Choices come along that sometimes dictate how you will
live your life. I met a man and we married. He was a good
man, but the marriage failed after 5 and a half years. Not
because of girls but because of the complexities of communication,
which led to the lack of any sex and lots of crying. We
parted friends and I went back to kissing both girls and
boys. Everything tasted delicious. I still couldn't decide.
Did I have to?
My taste in women is very basic - pretty, feminine girls
with athletic bodies and full lips. Men are dark haired,
dark eyed and have large noses. Both have to be intelligent,
witty, sexy, good kissers and enjoy playful wrestling. But
it's not about the genitalia or the sexual orientation -
I just fall in love with a person. I kiss a person, no a
gender, and one at a time. Why is that always so hard to
believe?
Am I greedy? The assumption is bisexuality is a non-committal
half-out gay person or someone who is trendy and experimenting
- it's all just a phase. My phase started with my early
memories and I have a feeling they won't change much anytime
soon. Am I just covering my bases? I never thought of my
sexuality as a playing card - as if my social status depends
on whom I deal my final card to, when there is a deck of
52 and none of them mean much without the other. I am attracted
to both sexes - and neither the straight nor the gay community
is really comfortable with that. Neither has sole political
ownership over my sexual orientation - and I like it that
way. I am a woman who is free to choose who I want to have
sex with - I don't have to limit my scope to a gender, a
race, a religion, or nationality. So that means I have a
larger pool to choose from, right? Wrong.

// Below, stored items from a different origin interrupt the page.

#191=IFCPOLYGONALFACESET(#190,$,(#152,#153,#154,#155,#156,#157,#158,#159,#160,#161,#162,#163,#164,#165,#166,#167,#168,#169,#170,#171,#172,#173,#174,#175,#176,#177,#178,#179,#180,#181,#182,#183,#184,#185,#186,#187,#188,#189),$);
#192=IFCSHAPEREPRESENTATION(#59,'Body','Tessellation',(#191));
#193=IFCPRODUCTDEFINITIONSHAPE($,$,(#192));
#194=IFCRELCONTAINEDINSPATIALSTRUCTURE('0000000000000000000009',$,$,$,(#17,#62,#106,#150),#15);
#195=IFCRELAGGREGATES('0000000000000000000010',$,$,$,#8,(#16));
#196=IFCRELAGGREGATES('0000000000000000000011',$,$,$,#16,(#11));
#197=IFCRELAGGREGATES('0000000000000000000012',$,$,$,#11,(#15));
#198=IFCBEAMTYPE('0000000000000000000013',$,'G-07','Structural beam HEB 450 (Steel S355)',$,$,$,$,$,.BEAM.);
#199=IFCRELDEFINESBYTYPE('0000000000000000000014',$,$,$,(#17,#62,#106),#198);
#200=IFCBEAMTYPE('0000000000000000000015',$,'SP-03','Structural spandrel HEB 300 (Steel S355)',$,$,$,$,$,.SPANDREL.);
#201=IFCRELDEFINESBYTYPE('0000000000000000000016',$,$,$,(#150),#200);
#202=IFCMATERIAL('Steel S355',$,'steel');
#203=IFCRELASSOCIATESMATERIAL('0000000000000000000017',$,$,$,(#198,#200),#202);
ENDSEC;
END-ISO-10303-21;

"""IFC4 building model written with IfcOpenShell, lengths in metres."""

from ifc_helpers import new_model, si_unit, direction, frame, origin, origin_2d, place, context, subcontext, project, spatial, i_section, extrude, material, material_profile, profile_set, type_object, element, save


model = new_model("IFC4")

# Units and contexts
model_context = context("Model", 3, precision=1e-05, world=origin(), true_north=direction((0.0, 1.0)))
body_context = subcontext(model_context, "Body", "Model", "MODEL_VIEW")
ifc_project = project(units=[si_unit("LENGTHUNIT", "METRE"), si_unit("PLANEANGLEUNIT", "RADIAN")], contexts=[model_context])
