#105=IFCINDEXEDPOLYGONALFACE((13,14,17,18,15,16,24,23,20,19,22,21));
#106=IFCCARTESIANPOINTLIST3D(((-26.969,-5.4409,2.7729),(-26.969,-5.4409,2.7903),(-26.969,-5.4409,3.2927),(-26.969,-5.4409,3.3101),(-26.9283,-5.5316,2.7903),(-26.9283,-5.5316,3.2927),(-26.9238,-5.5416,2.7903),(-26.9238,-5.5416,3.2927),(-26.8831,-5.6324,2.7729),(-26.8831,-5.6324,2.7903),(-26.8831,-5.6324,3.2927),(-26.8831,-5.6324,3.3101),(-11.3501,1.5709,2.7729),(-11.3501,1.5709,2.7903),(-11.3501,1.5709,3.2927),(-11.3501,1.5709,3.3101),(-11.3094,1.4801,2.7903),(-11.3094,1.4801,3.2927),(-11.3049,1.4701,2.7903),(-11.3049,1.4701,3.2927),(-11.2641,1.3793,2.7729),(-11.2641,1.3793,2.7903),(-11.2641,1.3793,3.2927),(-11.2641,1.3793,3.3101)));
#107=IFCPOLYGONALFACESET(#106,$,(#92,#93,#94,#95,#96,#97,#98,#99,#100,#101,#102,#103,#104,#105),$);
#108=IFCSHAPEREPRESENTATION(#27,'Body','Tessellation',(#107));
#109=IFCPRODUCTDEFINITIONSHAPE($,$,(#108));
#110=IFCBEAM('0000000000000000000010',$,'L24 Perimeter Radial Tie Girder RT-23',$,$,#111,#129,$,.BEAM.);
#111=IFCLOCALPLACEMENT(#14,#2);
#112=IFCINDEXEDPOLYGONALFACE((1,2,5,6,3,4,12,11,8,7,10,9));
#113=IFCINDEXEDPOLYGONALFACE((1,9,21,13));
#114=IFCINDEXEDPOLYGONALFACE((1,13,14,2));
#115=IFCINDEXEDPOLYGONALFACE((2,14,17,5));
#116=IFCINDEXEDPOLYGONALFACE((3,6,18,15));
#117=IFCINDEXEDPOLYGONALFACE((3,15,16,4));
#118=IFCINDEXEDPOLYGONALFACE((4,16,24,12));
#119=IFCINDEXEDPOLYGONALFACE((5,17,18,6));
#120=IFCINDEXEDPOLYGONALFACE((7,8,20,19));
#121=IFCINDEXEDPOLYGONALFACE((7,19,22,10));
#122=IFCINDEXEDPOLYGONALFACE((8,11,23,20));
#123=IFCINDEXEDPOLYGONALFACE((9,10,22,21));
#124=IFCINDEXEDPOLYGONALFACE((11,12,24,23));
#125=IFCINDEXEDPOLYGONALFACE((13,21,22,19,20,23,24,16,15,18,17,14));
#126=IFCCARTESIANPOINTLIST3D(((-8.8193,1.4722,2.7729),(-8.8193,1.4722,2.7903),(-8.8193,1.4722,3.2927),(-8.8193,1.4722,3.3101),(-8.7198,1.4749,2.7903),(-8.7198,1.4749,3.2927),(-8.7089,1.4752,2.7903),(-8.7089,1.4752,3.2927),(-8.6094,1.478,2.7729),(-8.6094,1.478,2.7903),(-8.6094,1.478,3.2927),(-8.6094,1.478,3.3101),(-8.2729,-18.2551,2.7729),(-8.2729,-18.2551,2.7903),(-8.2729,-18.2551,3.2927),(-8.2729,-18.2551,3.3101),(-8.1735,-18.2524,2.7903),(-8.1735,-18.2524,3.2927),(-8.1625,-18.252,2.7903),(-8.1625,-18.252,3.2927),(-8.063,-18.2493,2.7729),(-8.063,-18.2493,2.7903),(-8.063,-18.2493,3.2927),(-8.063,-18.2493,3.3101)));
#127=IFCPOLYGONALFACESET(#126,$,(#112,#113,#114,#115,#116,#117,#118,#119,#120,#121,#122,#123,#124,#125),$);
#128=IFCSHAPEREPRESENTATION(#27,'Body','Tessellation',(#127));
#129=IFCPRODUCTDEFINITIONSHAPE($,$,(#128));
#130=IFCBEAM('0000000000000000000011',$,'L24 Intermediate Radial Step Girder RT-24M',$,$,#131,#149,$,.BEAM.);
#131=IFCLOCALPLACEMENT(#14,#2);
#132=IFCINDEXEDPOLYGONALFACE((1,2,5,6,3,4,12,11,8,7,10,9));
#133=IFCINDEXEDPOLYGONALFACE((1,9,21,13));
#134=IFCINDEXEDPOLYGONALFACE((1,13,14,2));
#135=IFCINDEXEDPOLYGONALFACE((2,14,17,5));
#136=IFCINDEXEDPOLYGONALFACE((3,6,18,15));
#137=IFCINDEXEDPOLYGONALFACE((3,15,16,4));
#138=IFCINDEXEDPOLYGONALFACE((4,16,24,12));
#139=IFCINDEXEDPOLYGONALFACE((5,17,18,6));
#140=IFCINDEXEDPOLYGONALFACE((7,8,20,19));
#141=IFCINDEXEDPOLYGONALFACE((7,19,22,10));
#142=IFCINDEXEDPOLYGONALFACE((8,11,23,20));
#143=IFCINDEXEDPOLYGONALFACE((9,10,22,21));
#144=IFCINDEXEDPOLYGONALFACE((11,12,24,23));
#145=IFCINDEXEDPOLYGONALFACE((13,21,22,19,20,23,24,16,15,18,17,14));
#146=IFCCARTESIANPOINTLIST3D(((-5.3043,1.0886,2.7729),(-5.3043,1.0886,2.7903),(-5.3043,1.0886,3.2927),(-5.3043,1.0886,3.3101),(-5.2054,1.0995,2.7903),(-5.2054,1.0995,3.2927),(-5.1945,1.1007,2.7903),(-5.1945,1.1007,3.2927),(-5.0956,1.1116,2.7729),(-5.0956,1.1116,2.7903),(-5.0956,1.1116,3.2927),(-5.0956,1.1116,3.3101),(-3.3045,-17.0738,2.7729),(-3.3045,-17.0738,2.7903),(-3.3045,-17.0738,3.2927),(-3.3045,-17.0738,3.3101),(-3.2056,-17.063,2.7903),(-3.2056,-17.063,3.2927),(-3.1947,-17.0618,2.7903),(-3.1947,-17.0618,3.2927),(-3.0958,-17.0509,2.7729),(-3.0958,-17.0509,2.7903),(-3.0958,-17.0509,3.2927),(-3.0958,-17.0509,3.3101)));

Men don't handle bisexuality in women very well. It creates
a level of competition that is unfamiliar, as if they cannot
fully dominate my desires, like bulls fighting for a cow.
I am a wild card - they expect at any moment I will toss
them out like the trash and become a full-blown dyke. On
the other hand, lesbians eye me suspiciously as if I am
one of those bi-curious day-trippers into being gay, who
sullies their image and their progress thus far. They seem
to suspect there is a man behind my desires, pushing me
to fulfill his fantasies. That eventually, I will prove
to be a traitor and switch back to a hetero lifestyle. So
each side watches me and waits for me to screw one of them
over. They are waiting for vindication, to out me one way
or the other, to out myself. To choose a side and wave a
flag.
So what's a girl to do, when she loves people, not genders?

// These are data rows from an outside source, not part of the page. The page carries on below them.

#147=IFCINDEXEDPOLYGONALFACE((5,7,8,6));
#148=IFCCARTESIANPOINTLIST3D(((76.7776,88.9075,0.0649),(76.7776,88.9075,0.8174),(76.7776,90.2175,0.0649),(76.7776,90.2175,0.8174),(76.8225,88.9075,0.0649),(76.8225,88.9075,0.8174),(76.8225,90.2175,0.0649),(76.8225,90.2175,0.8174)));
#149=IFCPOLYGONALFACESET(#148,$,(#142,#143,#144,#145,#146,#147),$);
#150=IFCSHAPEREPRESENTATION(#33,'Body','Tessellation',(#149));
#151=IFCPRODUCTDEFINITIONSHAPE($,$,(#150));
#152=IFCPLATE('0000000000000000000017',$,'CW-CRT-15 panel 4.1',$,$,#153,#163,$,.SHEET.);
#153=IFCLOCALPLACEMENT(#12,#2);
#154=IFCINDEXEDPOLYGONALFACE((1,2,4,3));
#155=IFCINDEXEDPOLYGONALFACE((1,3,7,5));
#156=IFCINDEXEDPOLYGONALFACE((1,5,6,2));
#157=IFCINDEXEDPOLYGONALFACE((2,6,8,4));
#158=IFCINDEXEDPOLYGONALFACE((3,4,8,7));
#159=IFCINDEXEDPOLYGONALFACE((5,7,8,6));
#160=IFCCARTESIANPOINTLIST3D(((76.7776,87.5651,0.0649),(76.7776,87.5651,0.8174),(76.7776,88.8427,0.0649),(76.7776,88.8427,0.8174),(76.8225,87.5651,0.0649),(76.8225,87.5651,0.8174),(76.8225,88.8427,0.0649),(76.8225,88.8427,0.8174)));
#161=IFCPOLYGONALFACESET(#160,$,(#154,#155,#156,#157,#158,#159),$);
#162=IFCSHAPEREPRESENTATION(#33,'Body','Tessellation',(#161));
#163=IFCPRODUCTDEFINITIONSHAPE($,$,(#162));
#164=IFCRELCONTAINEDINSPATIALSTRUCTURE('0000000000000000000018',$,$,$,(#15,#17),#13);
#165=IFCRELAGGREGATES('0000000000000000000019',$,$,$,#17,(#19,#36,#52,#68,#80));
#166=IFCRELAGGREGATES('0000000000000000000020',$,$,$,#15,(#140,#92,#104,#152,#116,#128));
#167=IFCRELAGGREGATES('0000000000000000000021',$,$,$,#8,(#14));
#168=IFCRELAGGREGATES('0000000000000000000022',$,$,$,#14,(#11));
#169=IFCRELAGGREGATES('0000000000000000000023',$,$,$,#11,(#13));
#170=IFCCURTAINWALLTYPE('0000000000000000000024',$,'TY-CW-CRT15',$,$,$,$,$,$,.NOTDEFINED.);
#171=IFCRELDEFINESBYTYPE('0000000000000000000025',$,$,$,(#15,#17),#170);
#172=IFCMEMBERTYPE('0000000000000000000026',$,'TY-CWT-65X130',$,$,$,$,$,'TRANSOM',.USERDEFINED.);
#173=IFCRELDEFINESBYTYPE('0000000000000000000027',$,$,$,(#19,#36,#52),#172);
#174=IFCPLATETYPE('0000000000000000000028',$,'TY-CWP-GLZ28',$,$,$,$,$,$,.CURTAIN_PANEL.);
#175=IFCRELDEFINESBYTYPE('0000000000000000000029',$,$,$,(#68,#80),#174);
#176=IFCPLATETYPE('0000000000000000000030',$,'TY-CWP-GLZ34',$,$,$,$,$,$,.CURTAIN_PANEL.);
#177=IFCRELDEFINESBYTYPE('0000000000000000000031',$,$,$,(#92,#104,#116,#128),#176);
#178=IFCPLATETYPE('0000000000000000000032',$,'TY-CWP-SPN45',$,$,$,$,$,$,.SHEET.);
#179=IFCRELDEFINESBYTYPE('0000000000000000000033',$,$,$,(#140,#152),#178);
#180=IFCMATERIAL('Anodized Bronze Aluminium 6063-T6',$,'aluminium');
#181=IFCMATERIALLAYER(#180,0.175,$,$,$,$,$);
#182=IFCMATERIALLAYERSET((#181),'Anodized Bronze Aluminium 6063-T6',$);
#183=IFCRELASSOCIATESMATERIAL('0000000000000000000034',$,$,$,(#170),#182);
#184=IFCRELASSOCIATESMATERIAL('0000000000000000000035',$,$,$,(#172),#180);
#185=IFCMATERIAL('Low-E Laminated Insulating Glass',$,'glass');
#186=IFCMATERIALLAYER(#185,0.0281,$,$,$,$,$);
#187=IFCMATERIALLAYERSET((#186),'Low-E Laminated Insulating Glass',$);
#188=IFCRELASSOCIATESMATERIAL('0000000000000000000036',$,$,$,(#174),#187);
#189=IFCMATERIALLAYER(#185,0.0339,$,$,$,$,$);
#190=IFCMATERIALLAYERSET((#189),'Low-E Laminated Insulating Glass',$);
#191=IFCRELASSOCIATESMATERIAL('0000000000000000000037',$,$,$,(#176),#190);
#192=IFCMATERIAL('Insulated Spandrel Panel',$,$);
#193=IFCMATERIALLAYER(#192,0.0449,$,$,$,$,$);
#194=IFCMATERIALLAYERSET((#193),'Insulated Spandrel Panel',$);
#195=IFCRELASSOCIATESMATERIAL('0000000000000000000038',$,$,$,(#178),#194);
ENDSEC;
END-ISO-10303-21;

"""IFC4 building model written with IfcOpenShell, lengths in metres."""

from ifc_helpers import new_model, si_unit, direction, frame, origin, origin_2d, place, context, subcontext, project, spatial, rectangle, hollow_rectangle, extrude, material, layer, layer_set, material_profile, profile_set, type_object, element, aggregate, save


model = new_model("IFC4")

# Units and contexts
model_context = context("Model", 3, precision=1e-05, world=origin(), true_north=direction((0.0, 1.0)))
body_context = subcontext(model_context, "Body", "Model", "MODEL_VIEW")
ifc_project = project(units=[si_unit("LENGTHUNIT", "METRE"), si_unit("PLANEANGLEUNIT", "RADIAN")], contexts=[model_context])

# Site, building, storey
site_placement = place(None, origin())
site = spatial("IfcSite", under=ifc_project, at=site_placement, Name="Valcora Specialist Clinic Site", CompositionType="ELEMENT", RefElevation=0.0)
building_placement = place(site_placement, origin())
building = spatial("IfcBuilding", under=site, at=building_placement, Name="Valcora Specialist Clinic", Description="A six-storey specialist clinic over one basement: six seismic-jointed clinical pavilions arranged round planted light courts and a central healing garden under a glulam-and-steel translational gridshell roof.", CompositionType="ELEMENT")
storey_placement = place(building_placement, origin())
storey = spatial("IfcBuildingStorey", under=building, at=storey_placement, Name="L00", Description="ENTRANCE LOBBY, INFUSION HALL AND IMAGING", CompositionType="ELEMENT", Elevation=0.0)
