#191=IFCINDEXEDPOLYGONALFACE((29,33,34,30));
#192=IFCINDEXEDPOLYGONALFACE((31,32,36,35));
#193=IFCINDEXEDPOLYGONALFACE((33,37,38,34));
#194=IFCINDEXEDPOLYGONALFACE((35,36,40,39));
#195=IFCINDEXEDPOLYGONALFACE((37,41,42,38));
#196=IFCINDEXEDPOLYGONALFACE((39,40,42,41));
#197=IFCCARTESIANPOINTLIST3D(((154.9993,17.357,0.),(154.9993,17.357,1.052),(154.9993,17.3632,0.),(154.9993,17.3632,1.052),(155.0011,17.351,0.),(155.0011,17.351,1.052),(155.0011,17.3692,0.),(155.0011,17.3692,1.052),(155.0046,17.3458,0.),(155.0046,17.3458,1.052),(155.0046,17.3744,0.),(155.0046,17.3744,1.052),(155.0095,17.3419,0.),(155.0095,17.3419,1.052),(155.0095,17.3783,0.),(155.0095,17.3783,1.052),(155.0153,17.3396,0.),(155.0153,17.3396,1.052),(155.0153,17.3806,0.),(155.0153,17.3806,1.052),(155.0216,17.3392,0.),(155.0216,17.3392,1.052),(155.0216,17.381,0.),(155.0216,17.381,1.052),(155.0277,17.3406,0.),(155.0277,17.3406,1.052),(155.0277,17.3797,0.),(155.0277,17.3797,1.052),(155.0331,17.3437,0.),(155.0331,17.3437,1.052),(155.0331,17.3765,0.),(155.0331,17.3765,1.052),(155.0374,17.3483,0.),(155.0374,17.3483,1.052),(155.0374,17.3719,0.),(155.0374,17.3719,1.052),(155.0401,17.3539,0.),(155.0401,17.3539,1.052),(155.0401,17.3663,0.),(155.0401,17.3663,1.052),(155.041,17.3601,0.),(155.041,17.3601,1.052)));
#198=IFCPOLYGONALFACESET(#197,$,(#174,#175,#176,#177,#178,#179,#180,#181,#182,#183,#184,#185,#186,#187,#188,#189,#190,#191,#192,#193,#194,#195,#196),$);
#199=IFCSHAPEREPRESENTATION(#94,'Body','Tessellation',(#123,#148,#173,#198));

I guess many folks on both sides of the fence find it hard
that a person can truly be attracted to both genders, in
a way that doesn't resemble an episode of the Jerry Springer
show. The frat boys among us will use this as fodder for
their limited imaginations, and the militant among us will
try to run me out of town on a rail. So this isn't easy,
revealing this sort of thing, which makes me a target for
anyone with a sexual grudge, hetero or gay. Hedwig quotes
Aristophanes when (s)he sings about humans being originally
joined as one, (actually, Aristophanes said it was three
sexes, male, female and androgynous - but that's just semantics),
in a beautiful tune "The Origin of Love". How
does the tale go? Zeus decides the humans as whole beings
were too proud and in making war against the gods, needed
to be punished, so he smote them with a mighty thunderbolt
and separated them into the two genders, while losing androgyny
completely. Now man and woman seek each other out in order
to become whole, as do man seeking out man and woman seeking
out woman. The missing link they seek as the third is androgyny,
which by no means is a cosmic ménage a trios.

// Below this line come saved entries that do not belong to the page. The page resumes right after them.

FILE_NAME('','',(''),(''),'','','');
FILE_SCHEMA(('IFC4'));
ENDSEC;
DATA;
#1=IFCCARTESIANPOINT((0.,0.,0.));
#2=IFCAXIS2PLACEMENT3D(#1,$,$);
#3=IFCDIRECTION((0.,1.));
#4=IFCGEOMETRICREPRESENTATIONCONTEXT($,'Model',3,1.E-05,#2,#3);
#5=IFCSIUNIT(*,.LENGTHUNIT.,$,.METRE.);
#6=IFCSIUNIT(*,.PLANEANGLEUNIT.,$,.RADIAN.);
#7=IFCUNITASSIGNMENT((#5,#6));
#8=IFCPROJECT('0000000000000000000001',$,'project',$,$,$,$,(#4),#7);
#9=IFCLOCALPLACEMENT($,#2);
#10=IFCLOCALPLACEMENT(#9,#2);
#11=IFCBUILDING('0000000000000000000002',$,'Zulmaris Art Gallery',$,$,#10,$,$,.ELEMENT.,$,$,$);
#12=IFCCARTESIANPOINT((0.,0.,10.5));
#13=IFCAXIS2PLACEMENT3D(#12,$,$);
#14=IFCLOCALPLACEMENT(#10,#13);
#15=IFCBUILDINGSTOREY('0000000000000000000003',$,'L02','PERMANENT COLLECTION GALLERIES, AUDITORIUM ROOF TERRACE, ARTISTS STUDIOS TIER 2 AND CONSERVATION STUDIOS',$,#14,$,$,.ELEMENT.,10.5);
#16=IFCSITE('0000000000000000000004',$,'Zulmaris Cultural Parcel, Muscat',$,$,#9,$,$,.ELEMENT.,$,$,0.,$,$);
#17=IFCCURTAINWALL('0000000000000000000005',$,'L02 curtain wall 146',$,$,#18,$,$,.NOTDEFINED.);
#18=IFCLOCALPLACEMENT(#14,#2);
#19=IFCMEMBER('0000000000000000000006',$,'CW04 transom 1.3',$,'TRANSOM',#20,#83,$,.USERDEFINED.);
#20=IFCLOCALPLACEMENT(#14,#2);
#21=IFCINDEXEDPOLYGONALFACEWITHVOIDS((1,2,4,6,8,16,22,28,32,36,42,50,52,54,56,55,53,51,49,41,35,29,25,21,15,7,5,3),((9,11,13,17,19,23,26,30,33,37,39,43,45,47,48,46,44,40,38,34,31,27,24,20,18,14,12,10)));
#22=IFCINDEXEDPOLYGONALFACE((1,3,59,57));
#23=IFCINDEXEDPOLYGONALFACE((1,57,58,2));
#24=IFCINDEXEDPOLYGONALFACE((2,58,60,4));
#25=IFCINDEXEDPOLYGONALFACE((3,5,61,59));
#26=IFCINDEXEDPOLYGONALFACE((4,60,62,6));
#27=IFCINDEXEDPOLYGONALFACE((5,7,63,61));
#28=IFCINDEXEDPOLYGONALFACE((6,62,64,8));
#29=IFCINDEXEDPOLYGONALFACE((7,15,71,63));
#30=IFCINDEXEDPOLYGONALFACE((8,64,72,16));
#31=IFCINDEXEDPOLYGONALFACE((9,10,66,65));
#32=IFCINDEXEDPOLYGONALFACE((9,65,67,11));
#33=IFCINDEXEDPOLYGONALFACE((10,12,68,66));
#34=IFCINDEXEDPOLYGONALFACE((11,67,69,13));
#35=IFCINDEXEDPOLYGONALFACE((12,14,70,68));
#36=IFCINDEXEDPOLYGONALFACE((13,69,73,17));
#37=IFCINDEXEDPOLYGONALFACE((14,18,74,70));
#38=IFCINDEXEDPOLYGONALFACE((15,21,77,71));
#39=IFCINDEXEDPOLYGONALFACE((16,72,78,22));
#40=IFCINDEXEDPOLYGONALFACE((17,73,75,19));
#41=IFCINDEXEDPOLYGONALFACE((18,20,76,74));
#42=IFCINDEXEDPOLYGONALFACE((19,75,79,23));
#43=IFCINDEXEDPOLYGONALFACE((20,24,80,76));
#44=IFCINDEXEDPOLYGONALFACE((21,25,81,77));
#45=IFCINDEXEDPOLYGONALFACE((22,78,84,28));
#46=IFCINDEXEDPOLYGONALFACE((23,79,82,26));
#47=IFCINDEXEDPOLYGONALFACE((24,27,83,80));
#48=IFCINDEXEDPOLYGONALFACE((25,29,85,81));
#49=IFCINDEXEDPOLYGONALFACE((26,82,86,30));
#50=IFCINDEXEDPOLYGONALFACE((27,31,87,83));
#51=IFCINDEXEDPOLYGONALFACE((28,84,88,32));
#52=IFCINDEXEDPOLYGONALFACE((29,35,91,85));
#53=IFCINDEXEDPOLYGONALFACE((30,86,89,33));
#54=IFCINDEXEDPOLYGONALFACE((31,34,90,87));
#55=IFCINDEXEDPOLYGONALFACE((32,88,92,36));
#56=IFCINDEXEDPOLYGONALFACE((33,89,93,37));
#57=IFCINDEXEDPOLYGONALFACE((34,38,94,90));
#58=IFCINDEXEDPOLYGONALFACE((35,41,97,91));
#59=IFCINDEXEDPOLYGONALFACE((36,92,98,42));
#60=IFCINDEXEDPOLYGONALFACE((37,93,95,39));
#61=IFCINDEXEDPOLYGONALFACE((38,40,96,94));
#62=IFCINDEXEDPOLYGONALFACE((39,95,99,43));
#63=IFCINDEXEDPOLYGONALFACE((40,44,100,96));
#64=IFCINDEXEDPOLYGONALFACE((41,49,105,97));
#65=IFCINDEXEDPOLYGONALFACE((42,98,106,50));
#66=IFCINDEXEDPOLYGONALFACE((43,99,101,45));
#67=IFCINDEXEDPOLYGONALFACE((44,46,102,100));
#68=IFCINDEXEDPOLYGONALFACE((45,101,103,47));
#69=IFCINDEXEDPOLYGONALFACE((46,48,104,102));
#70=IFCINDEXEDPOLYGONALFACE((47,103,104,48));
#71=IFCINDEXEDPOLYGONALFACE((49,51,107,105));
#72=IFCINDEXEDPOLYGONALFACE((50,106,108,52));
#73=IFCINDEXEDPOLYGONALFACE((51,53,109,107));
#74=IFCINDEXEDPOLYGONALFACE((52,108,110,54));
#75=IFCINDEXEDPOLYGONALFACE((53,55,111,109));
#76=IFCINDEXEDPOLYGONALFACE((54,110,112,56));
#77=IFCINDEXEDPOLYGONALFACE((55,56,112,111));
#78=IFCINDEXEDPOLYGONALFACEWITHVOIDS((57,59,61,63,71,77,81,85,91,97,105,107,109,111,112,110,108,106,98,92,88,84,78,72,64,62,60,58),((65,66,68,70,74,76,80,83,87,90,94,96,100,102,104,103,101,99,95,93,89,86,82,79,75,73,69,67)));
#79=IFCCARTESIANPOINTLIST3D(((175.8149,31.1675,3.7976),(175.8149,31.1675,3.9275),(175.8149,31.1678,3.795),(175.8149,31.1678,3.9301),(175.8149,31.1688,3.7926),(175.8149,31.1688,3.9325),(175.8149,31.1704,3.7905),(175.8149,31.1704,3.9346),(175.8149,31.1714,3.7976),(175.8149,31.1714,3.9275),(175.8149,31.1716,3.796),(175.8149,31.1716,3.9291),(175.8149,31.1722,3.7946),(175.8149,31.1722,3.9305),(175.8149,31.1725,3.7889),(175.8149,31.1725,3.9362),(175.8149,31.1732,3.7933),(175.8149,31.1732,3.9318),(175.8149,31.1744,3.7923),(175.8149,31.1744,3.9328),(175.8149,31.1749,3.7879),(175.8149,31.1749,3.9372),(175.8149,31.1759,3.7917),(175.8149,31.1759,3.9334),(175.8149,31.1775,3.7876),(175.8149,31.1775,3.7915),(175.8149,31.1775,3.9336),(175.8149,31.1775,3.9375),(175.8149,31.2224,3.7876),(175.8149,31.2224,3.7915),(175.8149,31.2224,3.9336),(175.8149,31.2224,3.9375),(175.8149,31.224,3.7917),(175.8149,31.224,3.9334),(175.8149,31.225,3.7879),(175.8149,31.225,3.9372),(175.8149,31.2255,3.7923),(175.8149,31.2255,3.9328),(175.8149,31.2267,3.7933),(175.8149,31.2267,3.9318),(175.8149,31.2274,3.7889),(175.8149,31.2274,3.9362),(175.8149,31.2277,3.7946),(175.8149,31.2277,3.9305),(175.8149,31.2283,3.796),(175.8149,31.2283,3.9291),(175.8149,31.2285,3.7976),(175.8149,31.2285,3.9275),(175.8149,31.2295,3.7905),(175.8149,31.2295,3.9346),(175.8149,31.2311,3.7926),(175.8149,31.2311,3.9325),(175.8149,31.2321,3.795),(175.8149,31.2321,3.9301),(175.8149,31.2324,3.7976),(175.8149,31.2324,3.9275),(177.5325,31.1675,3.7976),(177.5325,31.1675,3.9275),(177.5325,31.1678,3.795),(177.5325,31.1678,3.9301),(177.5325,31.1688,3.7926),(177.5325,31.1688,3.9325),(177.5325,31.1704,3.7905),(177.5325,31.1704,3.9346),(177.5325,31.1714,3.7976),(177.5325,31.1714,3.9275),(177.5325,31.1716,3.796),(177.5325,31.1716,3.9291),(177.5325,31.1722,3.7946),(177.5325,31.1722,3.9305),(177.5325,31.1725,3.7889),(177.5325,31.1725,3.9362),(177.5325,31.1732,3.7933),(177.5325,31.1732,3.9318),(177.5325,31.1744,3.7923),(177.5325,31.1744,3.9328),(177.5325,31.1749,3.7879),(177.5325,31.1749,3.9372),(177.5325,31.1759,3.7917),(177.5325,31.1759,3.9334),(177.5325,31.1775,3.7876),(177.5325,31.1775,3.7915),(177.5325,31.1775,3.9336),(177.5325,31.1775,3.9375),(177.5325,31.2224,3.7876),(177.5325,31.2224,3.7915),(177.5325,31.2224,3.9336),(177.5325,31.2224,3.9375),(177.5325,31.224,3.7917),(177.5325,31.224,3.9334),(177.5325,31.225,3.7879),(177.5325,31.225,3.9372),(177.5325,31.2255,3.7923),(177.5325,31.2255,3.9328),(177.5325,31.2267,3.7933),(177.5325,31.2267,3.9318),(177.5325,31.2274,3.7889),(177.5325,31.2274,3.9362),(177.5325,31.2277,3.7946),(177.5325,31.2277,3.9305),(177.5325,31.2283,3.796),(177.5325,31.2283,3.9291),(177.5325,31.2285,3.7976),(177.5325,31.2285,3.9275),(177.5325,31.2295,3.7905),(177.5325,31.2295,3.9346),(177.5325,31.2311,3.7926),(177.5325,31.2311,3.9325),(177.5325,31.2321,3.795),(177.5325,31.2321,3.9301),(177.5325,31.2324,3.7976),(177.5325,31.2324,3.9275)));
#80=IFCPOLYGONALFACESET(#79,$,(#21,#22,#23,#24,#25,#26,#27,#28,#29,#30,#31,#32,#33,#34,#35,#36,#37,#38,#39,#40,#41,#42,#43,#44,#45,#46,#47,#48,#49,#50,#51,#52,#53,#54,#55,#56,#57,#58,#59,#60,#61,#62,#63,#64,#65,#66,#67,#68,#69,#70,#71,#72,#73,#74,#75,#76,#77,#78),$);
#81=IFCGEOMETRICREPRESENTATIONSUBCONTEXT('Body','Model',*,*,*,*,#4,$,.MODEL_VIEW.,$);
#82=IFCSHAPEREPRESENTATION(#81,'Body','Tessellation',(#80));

The story has one lingering threat - if we further anger
the gods, Zeus will split us again. One leg, one eye and
half a heart - how many ways can we try to reassemble ourselves
from that aspect to become whole? What comes of the lack
of love, desire and joy that pride and avarice create? I
think there are plenty out there in the wide world that
better keep their heads low and invest in lightning rods.